Para quem não lembra, em 2020, o TSE decidiu que a partir do pleito de 2022, a divisão dos fundos partidário (recurso dividido entre os partidos) e eleitoral (para financiamento das campanhas), além do tempo de propaganda na TV e no rádio, deveriam ser proporcionais ao número de candidaturas negras. Assim, 30% do Fundo Especial de Financiamento de Campanha (FEFC) e 30% do tempo de propaganda eleitoral gratuita, devem ser destinadas a esse grupo em específico.

Foto: Marcello Casal Jr/ Agência Brasil (EBC)

Em Natal, Pedro Gorki, que é Secretário de Juventude da UNEGRO (União de Negros e Negras Pela Igualdade),  entidade nacional suprapartidária com mais de 30 anos de luta política em defesa dos direitos da população negra e transformação nas políticas sociais, aponta as contradições na mudança de raça na autodeclaração.

Essa questão da autodeclaração produz algumas contradições, não pelo processo de autodeclaração, que eu acho que é digno e importante, mas justamente pelas estratégias e táticas, vis, cruéis e sujas da elite brasileira. A exemplo do ACM Neto [governador da Bahia, pelo União Brasil], que de uma hora pra outra virou pardo”, critica.  

Mais do que eleger pessoas negras, Pedro Gorki aponta que é preciso votar em pessoas negras que, de fato, reivindiquem a luta do movimento e busquem políticas afirmativas para essa parcela da população, que façam ecoar os anseios do povo negro, da juventude, das mulheres e dos trabalhadores negros.

“Não existe felicidade ao nosso povo quando não tem um prato de comida para pôr na mesa”, Pedro Gorki

 “Precisamos apoiar, construir a candidatura. Votar em gente que não somente tem a nossa cor, mas que tem também a nossa luta”, encoraja.

Ao responder quais as urgências da população negra potiguar que devem ser atendidas nos próximos quatro anos, pergunta feita a todos os entrevistados desta reportagem, Gorki afirma: 

Pedro Gorki I Foto: cedida

 “A urgência do movimento negro potiguar reside justamente na garantia, não de condições de sobrevivência, mas de vida digna para esse povo.

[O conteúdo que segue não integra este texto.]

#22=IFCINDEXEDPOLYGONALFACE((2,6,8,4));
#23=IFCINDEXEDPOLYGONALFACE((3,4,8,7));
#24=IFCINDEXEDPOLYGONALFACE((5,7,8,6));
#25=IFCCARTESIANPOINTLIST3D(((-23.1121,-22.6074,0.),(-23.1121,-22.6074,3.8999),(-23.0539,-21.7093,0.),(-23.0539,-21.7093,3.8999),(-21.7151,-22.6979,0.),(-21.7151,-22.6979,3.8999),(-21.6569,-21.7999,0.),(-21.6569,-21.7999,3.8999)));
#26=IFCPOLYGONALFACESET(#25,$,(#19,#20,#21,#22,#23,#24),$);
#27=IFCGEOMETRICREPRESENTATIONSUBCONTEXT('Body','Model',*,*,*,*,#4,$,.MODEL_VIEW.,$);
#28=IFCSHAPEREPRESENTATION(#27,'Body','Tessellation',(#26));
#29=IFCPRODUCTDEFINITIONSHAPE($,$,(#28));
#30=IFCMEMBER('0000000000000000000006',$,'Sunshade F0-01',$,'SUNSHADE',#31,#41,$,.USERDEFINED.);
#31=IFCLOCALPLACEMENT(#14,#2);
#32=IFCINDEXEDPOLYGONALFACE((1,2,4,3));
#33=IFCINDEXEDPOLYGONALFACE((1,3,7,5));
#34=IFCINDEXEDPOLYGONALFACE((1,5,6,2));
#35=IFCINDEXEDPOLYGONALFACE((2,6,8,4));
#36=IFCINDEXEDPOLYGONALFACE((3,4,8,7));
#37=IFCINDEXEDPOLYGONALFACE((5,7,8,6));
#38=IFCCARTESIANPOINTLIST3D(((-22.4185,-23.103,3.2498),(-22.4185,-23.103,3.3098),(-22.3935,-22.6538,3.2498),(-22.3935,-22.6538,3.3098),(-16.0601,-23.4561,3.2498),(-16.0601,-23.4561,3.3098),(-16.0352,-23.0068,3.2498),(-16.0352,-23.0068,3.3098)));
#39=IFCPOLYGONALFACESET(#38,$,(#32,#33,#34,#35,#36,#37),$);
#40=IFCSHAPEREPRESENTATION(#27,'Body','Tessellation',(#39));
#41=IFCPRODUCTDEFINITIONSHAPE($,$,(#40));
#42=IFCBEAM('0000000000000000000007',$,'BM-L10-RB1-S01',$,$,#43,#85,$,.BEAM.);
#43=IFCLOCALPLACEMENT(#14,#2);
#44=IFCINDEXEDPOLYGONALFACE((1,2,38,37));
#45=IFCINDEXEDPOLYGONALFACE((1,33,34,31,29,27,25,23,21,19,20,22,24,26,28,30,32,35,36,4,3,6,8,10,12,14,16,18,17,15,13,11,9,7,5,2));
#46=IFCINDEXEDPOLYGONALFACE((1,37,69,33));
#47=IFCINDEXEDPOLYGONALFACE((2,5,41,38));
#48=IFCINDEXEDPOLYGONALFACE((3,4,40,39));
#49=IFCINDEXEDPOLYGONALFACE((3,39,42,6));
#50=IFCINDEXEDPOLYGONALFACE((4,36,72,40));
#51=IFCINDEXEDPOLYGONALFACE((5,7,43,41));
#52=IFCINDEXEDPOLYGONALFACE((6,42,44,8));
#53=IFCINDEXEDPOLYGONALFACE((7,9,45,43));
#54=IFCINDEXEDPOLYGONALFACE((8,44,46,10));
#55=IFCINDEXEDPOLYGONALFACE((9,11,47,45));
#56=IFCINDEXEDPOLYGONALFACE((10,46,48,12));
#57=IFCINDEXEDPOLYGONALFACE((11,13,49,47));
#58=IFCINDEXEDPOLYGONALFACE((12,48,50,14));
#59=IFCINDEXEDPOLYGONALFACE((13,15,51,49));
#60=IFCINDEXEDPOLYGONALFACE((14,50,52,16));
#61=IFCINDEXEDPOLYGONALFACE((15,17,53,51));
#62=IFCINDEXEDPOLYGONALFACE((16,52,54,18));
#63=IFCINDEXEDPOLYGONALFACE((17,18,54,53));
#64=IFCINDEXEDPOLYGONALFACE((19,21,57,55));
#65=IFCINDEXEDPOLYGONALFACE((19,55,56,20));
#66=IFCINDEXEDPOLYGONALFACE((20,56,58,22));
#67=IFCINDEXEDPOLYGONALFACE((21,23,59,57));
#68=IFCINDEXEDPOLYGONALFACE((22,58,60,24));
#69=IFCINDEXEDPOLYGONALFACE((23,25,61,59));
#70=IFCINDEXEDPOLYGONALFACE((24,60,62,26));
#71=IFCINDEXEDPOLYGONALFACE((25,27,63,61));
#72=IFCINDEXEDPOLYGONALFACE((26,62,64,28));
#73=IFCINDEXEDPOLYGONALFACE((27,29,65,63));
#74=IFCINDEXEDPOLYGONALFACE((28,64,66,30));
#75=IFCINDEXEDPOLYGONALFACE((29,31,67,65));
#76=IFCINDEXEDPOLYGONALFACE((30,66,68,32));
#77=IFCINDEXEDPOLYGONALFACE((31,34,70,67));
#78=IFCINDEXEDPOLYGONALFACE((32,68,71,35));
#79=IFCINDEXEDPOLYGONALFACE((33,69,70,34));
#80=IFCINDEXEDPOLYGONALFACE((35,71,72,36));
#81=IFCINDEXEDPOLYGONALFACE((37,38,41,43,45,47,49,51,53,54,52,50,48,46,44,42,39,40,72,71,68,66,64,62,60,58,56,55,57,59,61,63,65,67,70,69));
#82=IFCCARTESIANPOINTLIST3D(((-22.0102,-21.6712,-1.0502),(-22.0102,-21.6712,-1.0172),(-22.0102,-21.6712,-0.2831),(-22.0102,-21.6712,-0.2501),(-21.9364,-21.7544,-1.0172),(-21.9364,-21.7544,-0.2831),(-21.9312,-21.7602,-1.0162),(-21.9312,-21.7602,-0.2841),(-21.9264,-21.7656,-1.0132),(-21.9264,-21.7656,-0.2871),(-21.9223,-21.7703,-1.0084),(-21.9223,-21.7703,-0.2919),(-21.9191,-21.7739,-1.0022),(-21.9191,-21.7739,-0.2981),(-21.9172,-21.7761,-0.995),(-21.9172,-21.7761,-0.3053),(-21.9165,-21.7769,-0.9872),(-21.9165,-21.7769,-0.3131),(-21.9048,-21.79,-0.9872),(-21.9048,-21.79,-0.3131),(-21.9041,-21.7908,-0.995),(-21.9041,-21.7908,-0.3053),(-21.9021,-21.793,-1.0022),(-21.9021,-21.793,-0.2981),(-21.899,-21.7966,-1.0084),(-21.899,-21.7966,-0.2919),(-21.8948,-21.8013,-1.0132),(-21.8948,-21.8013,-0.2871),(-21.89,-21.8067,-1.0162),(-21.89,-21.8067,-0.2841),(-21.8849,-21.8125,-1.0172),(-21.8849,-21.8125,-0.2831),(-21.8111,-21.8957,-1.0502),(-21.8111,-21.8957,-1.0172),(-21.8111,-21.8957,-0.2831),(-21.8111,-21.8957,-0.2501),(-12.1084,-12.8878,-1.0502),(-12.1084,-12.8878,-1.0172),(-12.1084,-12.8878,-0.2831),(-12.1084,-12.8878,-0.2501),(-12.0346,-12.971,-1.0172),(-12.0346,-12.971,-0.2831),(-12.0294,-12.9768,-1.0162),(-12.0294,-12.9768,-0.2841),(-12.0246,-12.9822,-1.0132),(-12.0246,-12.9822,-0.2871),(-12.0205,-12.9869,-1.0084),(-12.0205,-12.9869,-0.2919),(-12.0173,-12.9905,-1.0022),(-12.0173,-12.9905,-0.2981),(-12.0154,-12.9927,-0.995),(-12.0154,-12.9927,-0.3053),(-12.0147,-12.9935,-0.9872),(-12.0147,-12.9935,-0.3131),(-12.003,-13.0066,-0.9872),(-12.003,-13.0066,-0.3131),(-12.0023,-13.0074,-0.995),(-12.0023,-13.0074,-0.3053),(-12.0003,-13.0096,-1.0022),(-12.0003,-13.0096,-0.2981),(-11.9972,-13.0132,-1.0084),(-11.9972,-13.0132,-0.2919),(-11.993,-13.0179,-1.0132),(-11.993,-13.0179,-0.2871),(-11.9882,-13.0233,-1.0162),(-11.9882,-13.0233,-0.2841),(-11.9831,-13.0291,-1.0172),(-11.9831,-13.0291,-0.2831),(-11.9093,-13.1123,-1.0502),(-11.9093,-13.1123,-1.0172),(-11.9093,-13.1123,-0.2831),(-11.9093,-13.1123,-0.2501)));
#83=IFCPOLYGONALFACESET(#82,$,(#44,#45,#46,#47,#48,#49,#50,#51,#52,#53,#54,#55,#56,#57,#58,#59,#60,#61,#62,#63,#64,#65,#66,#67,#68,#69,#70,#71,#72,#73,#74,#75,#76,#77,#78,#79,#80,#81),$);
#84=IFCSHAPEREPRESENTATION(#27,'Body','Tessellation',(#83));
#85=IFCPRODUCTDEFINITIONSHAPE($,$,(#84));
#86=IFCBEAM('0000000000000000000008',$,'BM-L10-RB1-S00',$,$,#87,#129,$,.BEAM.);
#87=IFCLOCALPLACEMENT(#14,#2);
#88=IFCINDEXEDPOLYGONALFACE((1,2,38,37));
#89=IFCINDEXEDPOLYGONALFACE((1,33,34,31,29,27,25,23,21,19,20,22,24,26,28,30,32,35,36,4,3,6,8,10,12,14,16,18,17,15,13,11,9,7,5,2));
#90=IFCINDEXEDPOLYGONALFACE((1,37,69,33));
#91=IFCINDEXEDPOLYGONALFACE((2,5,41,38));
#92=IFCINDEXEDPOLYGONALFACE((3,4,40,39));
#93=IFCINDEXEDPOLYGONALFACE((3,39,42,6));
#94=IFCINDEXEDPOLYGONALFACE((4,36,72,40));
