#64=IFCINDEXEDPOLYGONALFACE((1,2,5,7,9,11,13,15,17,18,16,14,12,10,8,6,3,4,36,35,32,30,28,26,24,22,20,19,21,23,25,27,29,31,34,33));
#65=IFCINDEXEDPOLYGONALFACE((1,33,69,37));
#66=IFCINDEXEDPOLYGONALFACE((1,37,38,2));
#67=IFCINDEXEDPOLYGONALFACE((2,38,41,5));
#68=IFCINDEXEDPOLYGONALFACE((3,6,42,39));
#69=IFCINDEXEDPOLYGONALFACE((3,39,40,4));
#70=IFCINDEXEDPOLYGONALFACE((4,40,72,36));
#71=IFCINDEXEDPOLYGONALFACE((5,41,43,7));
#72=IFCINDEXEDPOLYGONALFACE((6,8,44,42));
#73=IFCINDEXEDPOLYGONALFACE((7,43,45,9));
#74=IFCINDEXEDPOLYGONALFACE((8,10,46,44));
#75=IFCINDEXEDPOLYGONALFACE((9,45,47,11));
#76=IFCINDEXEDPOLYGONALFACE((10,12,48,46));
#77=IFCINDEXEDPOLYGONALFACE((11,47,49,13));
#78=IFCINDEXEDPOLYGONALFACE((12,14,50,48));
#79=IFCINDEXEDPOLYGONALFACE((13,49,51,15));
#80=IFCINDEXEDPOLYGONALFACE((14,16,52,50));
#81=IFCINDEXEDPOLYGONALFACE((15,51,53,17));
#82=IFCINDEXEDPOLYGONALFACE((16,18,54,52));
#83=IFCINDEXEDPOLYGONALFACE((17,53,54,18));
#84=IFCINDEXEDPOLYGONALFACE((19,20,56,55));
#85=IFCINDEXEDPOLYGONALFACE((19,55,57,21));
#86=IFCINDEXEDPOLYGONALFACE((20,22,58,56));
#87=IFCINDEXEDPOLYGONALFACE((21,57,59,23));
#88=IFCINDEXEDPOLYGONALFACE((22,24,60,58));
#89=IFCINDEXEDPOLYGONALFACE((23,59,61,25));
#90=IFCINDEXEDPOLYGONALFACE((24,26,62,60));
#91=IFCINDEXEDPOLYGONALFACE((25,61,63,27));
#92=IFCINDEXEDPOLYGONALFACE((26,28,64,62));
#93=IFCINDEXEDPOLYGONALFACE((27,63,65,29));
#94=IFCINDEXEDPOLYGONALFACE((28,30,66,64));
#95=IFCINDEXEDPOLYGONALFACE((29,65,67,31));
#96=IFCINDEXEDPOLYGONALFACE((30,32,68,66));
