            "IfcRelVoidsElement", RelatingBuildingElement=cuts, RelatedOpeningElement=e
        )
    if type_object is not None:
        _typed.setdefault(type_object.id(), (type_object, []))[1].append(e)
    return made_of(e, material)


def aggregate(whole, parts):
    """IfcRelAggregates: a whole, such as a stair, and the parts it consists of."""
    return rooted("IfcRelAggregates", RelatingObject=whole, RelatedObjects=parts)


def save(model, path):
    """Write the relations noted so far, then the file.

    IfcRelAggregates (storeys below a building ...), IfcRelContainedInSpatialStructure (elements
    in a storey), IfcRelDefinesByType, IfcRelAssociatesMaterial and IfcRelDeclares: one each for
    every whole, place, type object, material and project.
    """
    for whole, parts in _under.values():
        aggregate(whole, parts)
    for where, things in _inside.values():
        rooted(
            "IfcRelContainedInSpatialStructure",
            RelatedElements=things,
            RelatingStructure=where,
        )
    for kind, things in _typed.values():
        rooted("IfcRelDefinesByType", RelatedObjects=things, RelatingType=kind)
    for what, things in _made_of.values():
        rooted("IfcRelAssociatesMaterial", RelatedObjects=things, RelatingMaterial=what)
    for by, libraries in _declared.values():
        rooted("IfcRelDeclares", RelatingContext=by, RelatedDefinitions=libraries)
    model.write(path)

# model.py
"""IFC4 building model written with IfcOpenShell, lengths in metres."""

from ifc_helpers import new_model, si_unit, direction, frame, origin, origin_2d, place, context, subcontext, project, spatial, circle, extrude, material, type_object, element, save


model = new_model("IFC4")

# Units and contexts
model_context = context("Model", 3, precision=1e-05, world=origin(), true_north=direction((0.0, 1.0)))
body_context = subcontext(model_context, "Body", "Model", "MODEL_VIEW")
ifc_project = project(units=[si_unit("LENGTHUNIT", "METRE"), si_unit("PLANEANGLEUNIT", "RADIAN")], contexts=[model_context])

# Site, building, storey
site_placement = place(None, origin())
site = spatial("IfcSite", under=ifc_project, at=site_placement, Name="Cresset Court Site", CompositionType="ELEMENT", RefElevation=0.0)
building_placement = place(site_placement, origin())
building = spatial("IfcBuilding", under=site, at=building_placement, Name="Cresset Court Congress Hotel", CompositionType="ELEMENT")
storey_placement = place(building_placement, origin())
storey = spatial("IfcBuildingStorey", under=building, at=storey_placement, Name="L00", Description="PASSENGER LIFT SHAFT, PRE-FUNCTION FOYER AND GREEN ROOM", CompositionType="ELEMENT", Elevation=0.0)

A maioria da população brasileira, em especial a grande maioria da população negra brasileira, sobrevive em condições tão indignas, degradantes, precarizantes, que a felicidade é uma bandeira que a gente precisa levantar enquanto movimento negro. Não existe felicidade entre o nosso povo quando não se tem um prato de comida para pôr na mesa”, conclui.

A CARNE MAIS BARATA DO MERCADO AGORA É O OSSO

O recente desmonte realizado pelo governo federal das políticas públicas de combate à fome, existentes há anos no país, associado ao avanço da inflação sobre os alimentos, têm tornado ainda mais difíceis as condições de vida de uma parcela da população que costuma ser distinguida pela sua cor: o povo negro. 

Segundo dados de uma pesquisa realizada em 2022 pela Penssan (Pesquisa em Soberania e Segurança Alimentar e Profissional), 70% dos 33 milhões de brasileiros que passam fome são negros. No Rio Grande do Norte, mais de 1 milhão de pessoas vivem em situação de extrema pobreza – quando a renda mensal per capita é de até R$ 105 por mês – e quase 16 mil potiguares ingressaram nessa faixa socioeconômica no ano de 2021, o que representa um aumento de 21,6%. 

A professora Tânia Lima, pesquisadora sobre cultura africana do Centro de Ciências Humanas Letras e Artes da UFRN (CCHLA/ UFRN), afirma que a descontinuidade ou falta de adequação de políticas afirmativas de combate à fome, como o Programa Fome Zero – que reunia mais de 30 iniciativas integradas para combater as causas e consequências da insegurança alimentar – além da falta de atualização de programas como o Bolsa Escola e Bolsa Família, são algumas das causas para a volta do Brasil ao mapa da fome, além da continuidade e agravamento da desigualdade social e racial no país. 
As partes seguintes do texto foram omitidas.